Coin flip analogy: I will be right 50% of the time (the odds) and what do I get paid if I pick the right outcome? Let's assume I just get my bet back (stake + bet) then over time I will only break even because 0.5 * (2 wager) = wager. Won't make money in the long term. So if I want to make money over the long term from a coin flip I have to find someone will to pay greater than 2x my wager. Only a fool would offer a pay greater than 2x my wager as they will lose money.
Same principles should be applied to trading. If I have low "odds" of picking a winner (stock going up if I'm long) then I have to look for trades with a bigger payback if I'm to be profitable. Profit Factor is effectively the payback in my coin flip example
nice idea!without disclosing too much (actually disclosing MUCH), one way is to be long on bears..

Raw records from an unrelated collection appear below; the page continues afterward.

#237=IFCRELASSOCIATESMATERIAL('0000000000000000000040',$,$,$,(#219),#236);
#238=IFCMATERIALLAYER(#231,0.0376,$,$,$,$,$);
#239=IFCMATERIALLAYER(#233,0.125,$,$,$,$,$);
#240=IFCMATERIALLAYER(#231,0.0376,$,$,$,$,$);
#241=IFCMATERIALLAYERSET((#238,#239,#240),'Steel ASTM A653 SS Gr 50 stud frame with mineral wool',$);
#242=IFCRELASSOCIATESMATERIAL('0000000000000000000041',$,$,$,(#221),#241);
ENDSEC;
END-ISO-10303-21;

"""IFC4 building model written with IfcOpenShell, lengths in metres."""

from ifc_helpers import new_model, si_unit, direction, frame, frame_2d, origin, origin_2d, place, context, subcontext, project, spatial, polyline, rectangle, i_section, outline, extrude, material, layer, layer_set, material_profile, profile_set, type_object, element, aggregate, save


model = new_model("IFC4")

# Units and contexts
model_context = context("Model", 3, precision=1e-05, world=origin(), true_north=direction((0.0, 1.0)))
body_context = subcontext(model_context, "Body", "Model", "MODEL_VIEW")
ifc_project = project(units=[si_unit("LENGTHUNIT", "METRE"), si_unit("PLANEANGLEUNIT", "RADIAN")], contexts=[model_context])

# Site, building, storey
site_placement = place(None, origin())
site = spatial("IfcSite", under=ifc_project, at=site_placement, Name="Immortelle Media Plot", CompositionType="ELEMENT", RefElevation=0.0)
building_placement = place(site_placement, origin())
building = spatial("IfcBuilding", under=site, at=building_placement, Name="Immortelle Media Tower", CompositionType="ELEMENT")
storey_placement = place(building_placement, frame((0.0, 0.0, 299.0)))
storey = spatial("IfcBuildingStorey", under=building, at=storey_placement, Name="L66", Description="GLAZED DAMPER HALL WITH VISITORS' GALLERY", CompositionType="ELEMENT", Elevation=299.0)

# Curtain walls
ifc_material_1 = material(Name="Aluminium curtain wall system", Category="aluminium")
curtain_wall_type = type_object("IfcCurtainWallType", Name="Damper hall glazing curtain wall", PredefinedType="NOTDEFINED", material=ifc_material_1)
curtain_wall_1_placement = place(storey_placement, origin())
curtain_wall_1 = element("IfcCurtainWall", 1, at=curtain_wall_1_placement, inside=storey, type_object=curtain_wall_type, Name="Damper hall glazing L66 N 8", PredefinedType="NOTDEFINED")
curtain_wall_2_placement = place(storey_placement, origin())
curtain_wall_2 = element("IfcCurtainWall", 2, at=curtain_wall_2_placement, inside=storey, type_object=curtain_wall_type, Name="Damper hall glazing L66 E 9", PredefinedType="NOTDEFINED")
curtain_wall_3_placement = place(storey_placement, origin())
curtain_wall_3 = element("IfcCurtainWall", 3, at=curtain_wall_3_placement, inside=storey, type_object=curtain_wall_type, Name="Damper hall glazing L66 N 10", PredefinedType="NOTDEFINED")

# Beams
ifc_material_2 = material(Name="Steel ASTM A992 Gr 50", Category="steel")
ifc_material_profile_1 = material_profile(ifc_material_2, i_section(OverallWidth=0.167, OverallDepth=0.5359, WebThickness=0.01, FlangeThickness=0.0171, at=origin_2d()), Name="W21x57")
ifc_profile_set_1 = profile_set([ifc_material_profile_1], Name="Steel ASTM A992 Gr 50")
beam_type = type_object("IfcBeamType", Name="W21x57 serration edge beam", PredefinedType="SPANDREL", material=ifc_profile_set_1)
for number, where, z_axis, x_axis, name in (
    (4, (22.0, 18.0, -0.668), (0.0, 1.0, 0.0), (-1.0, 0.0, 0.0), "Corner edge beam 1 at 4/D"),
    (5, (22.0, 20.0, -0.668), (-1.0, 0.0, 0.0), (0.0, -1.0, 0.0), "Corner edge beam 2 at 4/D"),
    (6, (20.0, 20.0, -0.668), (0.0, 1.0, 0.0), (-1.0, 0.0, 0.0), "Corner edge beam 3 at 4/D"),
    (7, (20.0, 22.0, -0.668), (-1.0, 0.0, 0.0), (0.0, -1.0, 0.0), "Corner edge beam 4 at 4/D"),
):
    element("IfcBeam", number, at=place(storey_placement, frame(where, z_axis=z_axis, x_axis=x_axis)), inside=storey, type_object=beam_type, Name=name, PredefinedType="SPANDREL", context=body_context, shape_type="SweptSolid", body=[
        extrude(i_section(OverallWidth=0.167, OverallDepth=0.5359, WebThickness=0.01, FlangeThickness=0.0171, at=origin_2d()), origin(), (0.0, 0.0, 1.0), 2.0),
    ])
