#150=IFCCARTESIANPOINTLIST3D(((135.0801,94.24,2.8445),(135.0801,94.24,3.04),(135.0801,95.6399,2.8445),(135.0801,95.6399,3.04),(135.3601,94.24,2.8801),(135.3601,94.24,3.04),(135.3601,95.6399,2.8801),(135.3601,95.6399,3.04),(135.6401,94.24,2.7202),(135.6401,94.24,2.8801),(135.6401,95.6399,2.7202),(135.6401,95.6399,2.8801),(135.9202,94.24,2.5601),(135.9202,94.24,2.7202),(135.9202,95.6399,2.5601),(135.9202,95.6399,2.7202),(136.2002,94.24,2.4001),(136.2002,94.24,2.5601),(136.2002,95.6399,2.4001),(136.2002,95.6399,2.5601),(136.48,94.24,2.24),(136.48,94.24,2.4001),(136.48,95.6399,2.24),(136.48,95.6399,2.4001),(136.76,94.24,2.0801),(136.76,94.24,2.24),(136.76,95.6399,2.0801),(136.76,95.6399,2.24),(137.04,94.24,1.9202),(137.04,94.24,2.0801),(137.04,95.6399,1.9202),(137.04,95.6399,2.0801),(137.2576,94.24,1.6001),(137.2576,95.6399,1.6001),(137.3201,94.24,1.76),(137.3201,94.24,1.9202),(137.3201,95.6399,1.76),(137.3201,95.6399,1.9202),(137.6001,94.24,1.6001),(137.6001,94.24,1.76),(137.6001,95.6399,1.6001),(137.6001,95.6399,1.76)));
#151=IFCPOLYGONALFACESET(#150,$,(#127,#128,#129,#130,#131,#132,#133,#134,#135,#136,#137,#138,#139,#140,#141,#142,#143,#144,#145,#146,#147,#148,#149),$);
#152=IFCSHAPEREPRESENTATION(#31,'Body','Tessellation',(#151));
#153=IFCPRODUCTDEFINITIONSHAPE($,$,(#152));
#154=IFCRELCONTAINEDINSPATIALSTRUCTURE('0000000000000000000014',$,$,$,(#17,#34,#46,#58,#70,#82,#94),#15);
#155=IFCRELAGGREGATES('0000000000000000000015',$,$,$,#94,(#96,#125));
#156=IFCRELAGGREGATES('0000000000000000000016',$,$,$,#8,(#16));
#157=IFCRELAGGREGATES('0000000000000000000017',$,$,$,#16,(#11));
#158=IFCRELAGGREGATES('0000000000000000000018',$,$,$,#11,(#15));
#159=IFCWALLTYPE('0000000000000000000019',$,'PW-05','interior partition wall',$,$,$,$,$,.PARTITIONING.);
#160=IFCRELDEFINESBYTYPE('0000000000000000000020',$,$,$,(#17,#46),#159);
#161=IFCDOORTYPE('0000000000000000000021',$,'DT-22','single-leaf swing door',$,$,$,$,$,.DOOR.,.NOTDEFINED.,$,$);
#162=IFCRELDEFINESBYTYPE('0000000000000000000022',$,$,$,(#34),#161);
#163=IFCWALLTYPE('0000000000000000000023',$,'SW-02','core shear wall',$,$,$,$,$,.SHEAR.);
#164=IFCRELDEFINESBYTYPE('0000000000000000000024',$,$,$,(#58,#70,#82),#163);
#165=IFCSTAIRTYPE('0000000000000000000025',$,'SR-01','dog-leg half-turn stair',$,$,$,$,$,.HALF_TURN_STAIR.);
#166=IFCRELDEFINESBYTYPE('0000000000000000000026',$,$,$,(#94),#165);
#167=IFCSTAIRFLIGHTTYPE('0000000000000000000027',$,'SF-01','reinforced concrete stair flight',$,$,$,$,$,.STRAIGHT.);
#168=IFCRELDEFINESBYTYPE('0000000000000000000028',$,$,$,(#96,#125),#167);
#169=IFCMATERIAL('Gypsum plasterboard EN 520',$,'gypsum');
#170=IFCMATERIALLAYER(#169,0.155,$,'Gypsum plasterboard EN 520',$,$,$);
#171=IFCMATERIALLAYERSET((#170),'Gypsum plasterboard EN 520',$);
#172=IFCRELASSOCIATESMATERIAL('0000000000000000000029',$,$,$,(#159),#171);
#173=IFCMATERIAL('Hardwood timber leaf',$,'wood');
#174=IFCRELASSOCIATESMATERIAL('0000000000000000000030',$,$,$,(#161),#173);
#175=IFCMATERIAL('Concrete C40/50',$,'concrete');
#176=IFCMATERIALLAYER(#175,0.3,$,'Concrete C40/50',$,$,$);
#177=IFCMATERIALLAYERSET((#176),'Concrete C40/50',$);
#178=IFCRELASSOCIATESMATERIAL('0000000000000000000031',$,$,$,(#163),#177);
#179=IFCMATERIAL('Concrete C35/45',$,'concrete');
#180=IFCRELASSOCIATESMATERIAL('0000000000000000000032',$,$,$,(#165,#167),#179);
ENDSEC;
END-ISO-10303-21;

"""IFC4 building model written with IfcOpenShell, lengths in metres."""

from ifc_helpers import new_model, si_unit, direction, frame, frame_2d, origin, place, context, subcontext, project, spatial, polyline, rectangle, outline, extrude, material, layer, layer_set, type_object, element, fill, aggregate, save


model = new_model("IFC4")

What i mean here is some ETFs are bear and so a long only system including them allows for short play,
you can also see Gold miners positions as "short" etc;
So my hope is that in a crash, my long only systems will go long into the "artificial" shorts and allow gain in crash
Works in BT..but backtests...
Why is it different?Please please please. Statistically relevant data is different in stock market from your random generator in std stats.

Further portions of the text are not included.